Record Year for Foreclosures as Unemployment Rises

January 14, 2010 by admin  
Filed under News Stories

January 14, 2010

My Way News

By Adrian Sainz

A record 2.8 million households were threatened with foreclosure last year, and that number is expected to rise this year as more unemployed and cash-strapped homeowners fall behind on their mortgages.

The number of households that received a foreclosure-related notice rose 21 percent from 2008, RealtyTrac Inc. reported Thursday. One in 45 homes were sent a filing, which includes default notices, scheduled foreclosure auctions and bank repossessions.

In December, more than 349,000 households, or one in 366 homes, were hit with a foreclosure-related notice. That represents a 14 percent spike from November and a 15 percent jump from December 2008.

Banks repossessed more than 92,000 homes, up 19 percent from November. That increase was likely due to lenders working to clear their books at the end of the year, RealtyTrac said.

Stemming the tide of foreclosures is an important step for the real estate market and the economy to recover. Because foreclosures are usually sold at heavy discounts they can lower the value of surrounding properties. Cities lose property tax dollars from empty foreclosures and declining home values, straining local economies. Home prices have stabilized in some cities, but are still down 30 percent nationally from mid-2006.

The foreclosure crisis isn’t letting up. Between 3 and 3.5 million homes are expected to enter some phase of foreclosure this year, said Rick Sharga, senior vice president of Irvine, Calif.-based RealtyTrac, which began tracking the data five years ago.

High foreclosures forced the federal government and several states to come up with plans to prevent or delay foreclosures to help troubled borrowers.

“It was bad, but it could have been much worse, and it probably should have been worse,” Sharga said.

One plan intended to help homeowners is the Obama administration’s loan modification program known as Making Home Affordable. Lenders participating in the program have offered trial loan modifications to 760,000 eligible borrowers since it was launched in March. A loan modification changes the terms of the loan, such as lowering the interest rate, to make the monthly payments more affordable.

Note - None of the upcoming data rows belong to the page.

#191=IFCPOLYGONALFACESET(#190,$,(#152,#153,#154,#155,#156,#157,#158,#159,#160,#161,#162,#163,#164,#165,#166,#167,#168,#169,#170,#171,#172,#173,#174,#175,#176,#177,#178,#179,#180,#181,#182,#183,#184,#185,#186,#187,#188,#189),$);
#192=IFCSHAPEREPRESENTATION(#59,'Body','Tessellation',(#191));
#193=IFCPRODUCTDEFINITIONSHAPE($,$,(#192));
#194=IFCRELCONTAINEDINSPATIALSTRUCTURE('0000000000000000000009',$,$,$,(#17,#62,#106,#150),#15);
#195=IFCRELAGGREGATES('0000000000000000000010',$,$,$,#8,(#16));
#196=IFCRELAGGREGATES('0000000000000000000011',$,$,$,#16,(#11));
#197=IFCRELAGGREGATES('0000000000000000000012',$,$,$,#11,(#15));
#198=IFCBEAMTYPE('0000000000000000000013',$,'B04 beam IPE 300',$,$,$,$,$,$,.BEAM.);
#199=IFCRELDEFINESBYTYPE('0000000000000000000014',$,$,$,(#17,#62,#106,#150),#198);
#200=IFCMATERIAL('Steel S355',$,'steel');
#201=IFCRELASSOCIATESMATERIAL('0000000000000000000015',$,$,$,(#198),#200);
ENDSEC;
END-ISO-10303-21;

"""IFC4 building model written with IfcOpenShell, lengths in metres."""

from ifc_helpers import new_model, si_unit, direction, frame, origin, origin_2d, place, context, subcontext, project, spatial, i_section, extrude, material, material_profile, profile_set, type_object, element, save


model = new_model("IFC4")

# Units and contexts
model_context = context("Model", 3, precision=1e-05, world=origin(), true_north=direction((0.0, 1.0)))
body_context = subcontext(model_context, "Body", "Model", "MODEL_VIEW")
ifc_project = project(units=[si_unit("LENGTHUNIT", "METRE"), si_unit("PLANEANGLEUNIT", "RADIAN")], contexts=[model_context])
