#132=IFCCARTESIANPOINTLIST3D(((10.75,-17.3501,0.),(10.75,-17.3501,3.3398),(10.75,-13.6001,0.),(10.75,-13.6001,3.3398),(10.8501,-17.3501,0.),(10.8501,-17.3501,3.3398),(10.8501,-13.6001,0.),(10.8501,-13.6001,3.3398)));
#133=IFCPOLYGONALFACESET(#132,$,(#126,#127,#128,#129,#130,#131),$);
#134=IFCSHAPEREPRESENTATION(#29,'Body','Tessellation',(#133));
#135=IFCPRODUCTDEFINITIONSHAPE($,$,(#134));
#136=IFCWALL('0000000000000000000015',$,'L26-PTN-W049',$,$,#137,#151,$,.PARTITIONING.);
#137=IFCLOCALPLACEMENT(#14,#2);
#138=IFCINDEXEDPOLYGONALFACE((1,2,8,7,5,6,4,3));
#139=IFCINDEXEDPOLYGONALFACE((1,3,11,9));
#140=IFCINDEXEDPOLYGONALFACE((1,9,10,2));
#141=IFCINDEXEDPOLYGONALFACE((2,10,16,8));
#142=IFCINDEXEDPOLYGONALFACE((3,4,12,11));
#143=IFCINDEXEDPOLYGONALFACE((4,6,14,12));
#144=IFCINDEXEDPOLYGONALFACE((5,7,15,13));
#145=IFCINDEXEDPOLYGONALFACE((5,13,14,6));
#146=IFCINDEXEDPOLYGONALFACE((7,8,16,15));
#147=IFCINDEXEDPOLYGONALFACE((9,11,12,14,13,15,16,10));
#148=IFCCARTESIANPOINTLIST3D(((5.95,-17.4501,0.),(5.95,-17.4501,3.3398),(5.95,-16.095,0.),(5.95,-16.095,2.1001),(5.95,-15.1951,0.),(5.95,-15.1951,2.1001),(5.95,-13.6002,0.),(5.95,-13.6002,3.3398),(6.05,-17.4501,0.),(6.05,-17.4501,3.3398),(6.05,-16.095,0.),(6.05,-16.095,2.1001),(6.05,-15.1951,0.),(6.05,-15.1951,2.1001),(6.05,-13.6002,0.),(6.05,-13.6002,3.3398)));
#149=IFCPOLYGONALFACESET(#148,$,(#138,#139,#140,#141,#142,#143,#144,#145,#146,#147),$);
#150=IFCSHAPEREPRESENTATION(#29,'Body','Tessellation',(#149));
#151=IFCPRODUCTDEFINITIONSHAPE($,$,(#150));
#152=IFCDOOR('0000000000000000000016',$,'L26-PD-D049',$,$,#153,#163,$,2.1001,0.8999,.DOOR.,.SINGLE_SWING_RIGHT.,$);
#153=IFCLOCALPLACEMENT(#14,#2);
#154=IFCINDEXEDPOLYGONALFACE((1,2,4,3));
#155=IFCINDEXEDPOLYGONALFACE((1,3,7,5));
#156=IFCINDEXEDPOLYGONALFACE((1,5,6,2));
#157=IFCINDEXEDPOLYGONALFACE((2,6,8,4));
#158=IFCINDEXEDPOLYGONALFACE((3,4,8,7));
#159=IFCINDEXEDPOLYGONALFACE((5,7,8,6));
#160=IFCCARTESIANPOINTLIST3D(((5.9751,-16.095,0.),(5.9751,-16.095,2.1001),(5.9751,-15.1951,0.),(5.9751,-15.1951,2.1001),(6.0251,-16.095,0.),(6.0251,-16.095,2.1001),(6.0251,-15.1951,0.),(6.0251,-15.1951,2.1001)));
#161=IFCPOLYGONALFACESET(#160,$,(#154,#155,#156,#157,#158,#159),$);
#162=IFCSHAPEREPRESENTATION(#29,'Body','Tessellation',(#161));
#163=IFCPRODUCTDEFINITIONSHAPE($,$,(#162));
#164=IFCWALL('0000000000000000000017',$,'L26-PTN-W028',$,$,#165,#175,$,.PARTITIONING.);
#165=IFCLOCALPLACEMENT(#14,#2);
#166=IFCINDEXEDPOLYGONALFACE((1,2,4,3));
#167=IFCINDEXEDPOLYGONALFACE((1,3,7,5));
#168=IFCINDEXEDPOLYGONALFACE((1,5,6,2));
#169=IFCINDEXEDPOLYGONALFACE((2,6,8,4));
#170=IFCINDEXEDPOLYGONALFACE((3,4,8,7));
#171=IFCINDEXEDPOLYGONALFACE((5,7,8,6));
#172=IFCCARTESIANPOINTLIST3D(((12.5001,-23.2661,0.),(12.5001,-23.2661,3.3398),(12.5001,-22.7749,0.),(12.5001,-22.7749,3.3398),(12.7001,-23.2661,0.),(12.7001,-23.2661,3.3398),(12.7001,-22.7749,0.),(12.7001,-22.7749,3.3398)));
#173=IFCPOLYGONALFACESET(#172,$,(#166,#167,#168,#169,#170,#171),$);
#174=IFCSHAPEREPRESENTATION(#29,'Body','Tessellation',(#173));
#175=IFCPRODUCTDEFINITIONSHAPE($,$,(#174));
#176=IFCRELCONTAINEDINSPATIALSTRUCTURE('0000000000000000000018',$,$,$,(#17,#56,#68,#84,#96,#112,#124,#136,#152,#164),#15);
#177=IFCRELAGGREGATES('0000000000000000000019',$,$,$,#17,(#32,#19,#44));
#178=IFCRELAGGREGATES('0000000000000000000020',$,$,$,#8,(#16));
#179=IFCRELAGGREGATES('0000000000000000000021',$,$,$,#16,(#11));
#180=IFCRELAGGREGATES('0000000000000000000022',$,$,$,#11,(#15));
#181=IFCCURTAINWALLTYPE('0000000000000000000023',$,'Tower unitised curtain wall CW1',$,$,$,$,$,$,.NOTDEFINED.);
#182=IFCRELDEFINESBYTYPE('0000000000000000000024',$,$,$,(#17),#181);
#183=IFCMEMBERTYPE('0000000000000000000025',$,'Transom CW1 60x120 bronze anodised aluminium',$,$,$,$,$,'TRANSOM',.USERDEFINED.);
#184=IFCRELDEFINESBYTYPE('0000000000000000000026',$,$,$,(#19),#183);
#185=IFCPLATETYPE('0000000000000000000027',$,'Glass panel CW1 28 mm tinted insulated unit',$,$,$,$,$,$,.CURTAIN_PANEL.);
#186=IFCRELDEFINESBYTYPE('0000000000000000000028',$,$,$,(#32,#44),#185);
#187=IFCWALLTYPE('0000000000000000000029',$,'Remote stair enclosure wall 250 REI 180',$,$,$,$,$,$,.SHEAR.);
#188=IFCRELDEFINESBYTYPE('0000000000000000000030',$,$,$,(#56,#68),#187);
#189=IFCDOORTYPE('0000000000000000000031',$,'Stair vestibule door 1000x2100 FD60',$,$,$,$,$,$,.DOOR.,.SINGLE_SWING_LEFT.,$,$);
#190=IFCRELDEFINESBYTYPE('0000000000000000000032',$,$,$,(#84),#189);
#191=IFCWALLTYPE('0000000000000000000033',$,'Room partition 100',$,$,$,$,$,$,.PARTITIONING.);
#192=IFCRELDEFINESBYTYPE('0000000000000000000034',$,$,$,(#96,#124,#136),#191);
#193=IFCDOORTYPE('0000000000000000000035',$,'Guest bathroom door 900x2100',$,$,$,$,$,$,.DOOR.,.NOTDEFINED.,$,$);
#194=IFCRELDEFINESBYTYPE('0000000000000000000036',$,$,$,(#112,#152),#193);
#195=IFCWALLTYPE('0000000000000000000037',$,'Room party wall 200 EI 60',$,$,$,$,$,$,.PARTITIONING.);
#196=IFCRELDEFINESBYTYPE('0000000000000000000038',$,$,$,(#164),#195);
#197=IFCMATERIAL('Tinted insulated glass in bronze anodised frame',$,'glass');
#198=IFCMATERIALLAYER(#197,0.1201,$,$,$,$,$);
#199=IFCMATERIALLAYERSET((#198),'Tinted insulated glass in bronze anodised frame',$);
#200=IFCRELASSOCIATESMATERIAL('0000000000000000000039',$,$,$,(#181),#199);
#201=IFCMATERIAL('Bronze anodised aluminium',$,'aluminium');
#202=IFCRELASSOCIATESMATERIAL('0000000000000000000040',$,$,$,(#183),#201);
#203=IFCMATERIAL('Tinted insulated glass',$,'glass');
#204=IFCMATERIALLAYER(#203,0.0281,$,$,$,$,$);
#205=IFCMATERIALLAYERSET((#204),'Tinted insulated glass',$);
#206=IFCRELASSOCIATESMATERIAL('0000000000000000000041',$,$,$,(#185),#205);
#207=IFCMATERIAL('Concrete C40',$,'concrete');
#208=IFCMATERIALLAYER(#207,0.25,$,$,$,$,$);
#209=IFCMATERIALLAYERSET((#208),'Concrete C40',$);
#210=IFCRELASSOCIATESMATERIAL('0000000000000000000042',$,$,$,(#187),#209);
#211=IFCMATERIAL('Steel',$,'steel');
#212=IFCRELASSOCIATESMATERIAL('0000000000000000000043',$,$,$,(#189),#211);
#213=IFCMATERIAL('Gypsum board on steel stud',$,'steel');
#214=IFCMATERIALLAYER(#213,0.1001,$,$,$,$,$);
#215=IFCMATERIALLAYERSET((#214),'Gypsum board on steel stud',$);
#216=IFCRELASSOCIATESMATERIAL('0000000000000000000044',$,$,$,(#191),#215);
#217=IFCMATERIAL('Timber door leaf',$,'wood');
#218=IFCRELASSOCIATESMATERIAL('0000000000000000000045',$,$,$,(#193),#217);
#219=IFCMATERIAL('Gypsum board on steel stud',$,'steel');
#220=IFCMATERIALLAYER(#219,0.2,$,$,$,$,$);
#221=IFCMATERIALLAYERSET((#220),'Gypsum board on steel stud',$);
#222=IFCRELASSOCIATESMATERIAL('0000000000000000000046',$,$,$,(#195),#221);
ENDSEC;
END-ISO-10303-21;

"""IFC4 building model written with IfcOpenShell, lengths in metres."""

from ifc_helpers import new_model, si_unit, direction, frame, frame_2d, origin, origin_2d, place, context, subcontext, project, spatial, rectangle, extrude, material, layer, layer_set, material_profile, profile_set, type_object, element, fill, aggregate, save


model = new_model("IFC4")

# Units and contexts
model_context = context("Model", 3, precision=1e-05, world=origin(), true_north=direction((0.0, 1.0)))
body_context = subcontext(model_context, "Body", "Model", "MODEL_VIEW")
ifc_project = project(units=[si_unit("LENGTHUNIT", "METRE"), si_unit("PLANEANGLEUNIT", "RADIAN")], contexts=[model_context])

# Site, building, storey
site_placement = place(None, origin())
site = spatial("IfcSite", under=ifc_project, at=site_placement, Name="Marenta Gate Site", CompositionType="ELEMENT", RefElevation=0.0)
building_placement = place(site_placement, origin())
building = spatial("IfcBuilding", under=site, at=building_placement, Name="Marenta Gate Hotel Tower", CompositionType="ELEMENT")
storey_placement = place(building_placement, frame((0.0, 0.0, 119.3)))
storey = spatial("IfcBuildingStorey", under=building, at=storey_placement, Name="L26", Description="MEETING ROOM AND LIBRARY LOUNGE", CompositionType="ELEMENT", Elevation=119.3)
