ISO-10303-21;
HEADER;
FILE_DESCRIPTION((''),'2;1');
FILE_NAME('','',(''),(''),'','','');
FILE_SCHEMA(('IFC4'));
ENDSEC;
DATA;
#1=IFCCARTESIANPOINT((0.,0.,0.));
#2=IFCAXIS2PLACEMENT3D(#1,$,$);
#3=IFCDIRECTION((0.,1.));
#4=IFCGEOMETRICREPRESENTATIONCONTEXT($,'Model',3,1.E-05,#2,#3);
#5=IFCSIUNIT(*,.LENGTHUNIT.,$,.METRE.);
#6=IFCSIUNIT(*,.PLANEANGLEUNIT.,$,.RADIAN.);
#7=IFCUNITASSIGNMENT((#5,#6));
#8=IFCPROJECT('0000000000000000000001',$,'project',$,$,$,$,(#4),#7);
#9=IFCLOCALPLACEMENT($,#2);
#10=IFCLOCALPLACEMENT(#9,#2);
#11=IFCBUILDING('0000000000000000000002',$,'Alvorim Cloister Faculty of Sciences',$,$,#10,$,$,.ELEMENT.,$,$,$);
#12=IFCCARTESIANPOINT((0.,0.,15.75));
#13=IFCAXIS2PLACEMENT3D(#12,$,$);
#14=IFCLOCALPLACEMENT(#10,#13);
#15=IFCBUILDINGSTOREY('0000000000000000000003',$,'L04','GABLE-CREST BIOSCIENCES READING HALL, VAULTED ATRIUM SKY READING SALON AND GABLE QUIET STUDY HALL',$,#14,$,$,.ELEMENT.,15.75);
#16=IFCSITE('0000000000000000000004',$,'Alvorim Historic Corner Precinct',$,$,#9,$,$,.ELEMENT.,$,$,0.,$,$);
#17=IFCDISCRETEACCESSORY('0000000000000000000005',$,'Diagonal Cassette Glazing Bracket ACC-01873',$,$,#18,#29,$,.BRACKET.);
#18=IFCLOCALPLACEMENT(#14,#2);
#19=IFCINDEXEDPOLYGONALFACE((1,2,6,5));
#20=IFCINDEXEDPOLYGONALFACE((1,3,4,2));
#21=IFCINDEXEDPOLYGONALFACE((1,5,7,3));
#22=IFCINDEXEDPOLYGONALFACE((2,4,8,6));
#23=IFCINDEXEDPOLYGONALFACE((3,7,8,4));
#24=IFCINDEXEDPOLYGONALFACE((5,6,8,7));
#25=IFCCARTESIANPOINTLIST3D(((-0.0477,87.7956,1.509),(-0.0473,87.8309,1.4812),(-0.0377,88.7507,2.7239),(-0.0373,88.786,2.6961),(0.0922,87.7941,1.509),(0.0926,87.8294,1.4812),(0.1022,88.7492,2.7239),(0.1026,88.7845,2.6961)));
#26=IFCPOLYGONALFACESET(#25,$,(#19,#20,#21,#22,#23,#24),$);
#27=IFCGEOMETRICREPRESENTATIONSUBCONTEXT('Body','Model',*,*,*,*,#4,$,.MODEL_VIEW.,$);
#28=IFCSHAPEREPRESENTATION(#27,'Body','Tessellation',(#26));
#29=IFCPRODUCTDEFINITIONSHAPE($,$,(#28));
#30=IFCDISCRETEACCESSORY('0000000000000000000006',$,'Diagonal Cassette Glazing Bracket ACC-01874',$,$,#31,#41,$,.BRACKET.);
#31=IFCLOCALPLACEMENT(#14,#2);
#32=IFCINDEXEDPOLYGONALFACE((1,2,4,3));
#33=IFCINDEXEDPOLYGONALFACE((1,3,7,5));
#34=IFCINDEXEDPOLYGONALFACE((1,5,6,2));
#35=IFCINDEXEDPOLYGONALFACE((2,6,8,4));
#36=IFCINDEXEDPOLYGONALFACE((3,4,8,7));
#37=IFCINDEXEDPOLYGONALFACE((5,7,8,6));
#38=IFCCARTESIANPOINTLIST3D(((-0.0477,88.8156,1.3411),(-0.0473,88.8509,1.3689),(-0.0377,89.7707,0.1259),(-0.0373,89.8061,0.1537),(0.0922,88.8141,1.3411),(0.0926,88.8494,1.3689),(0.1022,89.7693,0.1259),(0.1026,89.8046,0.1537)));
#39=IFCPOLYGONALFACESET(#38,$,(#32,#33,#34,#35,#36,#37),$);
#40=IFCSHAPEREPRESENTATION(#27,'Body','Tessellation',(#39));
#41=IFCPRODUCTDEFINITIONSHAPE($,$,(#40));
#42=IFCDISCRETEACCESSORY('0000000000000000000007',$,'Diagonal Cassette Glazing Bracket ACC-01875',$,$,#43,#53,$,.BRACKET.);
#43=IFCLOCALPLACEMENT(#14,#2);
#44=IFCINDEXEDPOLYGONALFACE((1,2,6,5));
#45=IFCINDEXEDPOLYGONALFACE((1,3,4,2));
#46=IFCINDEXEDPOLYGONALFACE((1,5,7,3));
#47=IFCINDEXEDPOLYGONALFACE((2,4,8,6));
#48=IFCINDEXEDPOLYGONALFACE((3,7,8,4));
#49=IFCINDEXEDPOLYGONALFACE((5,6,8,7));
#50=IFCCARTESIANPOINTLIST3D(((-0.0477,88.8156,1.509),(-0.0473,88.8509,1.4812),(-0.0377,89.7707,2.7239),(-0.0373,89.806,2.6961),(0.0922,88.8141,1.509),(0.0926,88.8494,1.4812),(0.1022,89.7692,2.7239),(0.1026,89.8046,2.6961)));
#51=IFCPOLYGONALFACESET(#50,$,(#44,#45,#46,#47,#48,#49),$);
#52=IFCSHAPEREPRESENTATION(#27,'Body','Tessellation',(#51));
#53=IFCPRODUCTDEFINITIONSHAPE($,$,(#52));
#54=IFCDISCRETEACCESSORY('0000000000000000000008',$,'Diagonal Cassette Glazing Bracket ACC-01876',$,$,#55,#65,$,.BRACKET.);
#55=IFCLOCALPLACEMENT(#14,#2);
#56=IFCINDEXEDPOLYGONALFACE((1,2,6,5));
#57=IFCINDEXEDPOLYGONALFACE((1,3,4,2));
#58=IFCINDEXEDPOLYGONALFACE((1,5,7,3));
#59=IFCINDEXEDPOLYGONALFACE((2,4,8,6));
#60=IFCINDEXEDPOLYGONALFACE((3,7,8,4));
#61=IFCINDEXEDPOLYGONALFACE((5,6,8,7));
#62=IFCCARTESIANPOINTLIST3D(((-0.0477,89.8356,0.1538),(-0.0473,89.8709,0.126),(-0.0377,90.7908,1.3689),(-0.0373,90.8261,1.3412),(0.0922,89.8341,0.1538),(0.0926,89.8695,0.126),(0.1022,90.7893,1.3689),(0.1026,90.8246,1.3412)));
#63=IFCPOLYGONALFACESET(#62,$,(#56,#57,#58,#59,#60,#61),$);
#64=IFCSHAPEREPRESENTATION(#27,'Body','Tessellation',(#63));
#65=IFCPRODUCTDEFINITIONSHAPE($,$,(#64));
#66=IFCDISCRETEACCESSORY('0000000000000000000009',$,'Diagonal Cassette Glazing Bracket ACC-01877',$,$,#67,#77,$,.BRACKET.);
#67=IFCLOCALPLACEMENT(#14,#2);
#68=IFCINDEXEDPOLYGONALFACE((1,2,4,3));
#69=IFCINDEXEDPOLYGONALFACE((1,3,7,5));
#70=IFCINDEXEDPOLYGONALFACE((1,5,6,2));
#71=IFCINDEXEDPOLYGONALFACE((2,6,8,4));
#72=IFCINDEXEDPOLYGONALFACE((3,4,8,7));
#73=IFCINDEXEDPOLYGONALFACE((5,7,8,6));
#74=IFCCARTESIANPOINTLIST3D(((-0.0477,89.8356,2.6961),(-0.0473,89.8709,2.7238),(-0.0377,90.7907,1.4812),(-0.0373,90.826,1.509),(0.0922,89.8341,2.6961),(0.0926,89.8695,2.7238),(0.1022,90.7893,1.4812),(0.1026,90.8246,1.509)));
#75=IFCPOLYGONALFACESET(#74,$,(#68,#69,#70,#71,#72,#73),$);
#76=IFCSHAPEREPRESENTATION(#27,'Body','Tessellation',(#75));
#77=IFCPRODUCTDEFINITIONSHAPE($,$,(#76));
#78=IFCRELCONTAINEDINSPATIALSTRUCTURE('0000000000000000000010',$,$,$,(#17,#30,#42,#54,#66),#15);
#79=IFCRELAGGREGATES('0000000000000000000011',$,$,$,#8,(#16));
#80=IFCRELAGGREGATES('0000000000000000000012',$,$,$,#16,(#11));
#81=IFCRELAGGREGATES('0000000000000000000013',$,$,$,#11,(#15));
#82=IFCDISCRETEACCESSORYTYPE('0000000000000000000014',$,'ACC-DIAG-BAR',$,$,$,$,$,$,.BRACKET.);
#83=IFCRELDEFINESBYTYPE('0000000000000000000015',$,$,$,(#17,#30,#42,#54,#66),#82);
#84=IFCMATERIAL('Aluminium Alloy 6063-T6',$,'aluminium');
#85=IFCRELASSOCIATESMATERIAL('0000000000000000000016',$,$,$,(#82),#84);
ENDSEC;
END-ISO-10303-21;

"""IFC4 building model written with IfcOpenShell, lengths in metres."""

from ifc_helpers import new_model, si_unit, direction, frame, origin, origin_2d, place, context, subcontext, project, spatial, rectangle, extrude, material, type_object, element, save


model = new_model("IFC4")

# Units and contexts
model_context = context("Model", 3, precision=1e-05, world=origin(), true_north=direction((0.0, 1.0)))
body_context = subcontext(model_context, "Body", "Model", "MODEL_VIEW")
ifc_project = project(units=[si_unit("LENGTHUNIT", "METRE"), si_unit("PLANEANGLEUNIT", "RADIAN")], contexts=[model_context])

# Site, building, storey
site_placement = place(None, origin())
site = spatial("IfcSite", under=ifc_project, at=site_placement, Name="Alvorim Historic Corner Precinct", CompositionType="ELEMENT", RefElevation=0.0)
building_placement = place(site_placement, origin())
building = spatial("IfcBuilding", under=site, at=building_placement, Name="Alvorim Cloister Faculty of Sciences", CompositionType="ELEMENT")
storey_placement = place(building_placement, frame((0.0, 0.0, 15.75)))
storey = spatial("IfcBuildingStorey", under=building, at=storey_placement, Name="L04", Description="GABLE-CREST BIOSCIENCES READING HALL, VAULTED ATRIUM SKY READING SALON AND GABLE QUIET STUDY HALL", CompositionType="ELEMENT", Elevation=15.75)

# Shared definitions
ifc_material_1 = material(Name="Aluminium Alloy 6063-T6", Category="aluminium")

# Discrete accessories
discrete_accessory_type = type_object("IfcDiscreteAccessoryType", Name="ACC-DIAG-BAR", PredefinedType="BRACKET", material=ifc_material_1)
discrete_accessory_1_placement = place(storey_placement, frame((0.0225, 87.8125, 1.4951), z_axis=(0.006477, 0.618032, 0.786126), x_axis=(-0.999945, 0.01048, 0.0)))
element("IfcDiscreteAccessory", 1, at=discrete_accessory_1_placement, inside=storey, type_object=discrete_accessory_type, Name="Diagonal Cassette Glazing Bracket ACC-01873", PredefinedType="BRACKET", context=body_context, shape_type="SweptSolid", body=[
    extrude(rectangle(XDim=0.1399, YDim=0.0449, at=origin_2d()), origin(), (0.0, 0.0, 1.0), 1.5454),
])
discrete_accessory_2_placement = place(storey_placement, frame((0.0225, 88.8325, 1.355), z_axis=(0.006477, 0.617955, -0.786187), x_axis=(-0.999945, 0.01048, 0.0)))
element("IfcDiscreteAccessory", 2, at=discrete_accessory_2_placement, inside=storey, type_object=discrete_accessory_type, Name="Diagonal Cassette Glazing Bracket ACC-01874", PredefinedType="BRACKET", context=body_context, shape_type="SweptSolid", body=[
    extrude(rectangle(XDim=0.1399, YDim=0.0449, at=origin_2d()), origin(), (0.0, 0.0, 1.0), 1.5457),
])
discrete_accessory_3_placement = place(storey_placement, frame((0.0225, 88.8325, 1.4951), z_axis=(0.006477, 0.618032, 0.786126), x_axis=(-0.999945, 0.01048, 0.0)))
element("IfcDiscreteAccessory", 3, at=discrete_accessory_3_placement, inside=storey, type_object=discrete_accessory_type, Name="Diagonal Cassette Glazing Bracket ACC-01875", PredefinedType="BRACKET", context=body_context, shape_type="SweptSolid", body=[
    extrude(rectangle(XDim=0.1399, YDim=0.0449, at=origin_2d()), origin(), (0.0, 0.0, 1.0), 1.5454),
])
discrete_accessory_4_placement = place(storey_placement, frame((0.0225, 89.8525, 0.1399), z_axis=(0.006477, 0.617955, 0.786187), x_axis=(-0.999945, 0.01048, 0.0)))
element("IfcDiscreteAccessory", 4, at=discrete_accessory_4_placement, inside=storey, type_object=discrete_accessory_type, Name="Diagonal Cassette Glazing Bracket ACC-01876", PredefinedType="BRACKET", context=body_context, shape_type="SweptSolid", body=[
    extrude(rectangle(XDim=0.1399, YDim=0.0449, at=origin_2d()), origin(), (0.0, 0.0, 1.0), 1.5457),
])
discrete_accessory_5_placement = place(storey_placement, frame((0.0225, 89.8525, 2.71), z_axis=(0.006477, 0.618032, -0.786126), x_axis=(-0.999945, 0.01048, 0.0)))
element("IfcDiscreteAccessory", 5, at=discrete_accessory_5_placement, inside=storey, type_object=discrete_accessory_type, Name="Diagonal Cassette Glazing Bracket ACC-01877", PredefinedType="BRACKET", context=body_context, shape_type="SweptSolid", body=[
    extrude(rectangle(XDim=0.1399, YDim=0.0449, at=origin_2d()), origin(), (0.0, 0.0, 1.0), 1.5454),
])

save(model, "model.ifc")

As of November, just 31,000 of them had been made permanent. Nearly the same number had dropped out of the program or were found to be ineligible. The Treasury Department will release updated figures Friday.

Economic issues, such as unemployment or reduced income, are expected to be the main catalysts for foreclosures this year. Homeowners with good credit who took out conventional, fixed-rate loans are the fastest growing group of foreclosures.

The Mortgage Bankers Association on Wednesday recommended changes to the government’s program to account for borrowers who’ve lost their jobs. The program, for example, should include a suspension of payments as the first step for borrowers with a temporary loss of income.

The government also should refrain from “endless incremental program changes,” the trade association said.

Since April 2009, there have been nine instances where new program requirements were released, and more than 90 clarifications for new or revised forms, reporting changes and policies. The changes forced mortgage companies to implement new procedures and retrain employees, taking away time that could be spent helping borrowers.

The same three states that led the nation in foreclosure rate in December also posted the highest rates for the entire year: Nevada, Arizona and Florida. More than 10 percent of Nevada housing units received at least one foreclosure filing in 2009, with Florida and Arizona following with about 6 percent each.

The other states ranked in the top 10 for the year were California, Utah, Idaho, Georgia, Michigan, Illinois, and Colorado.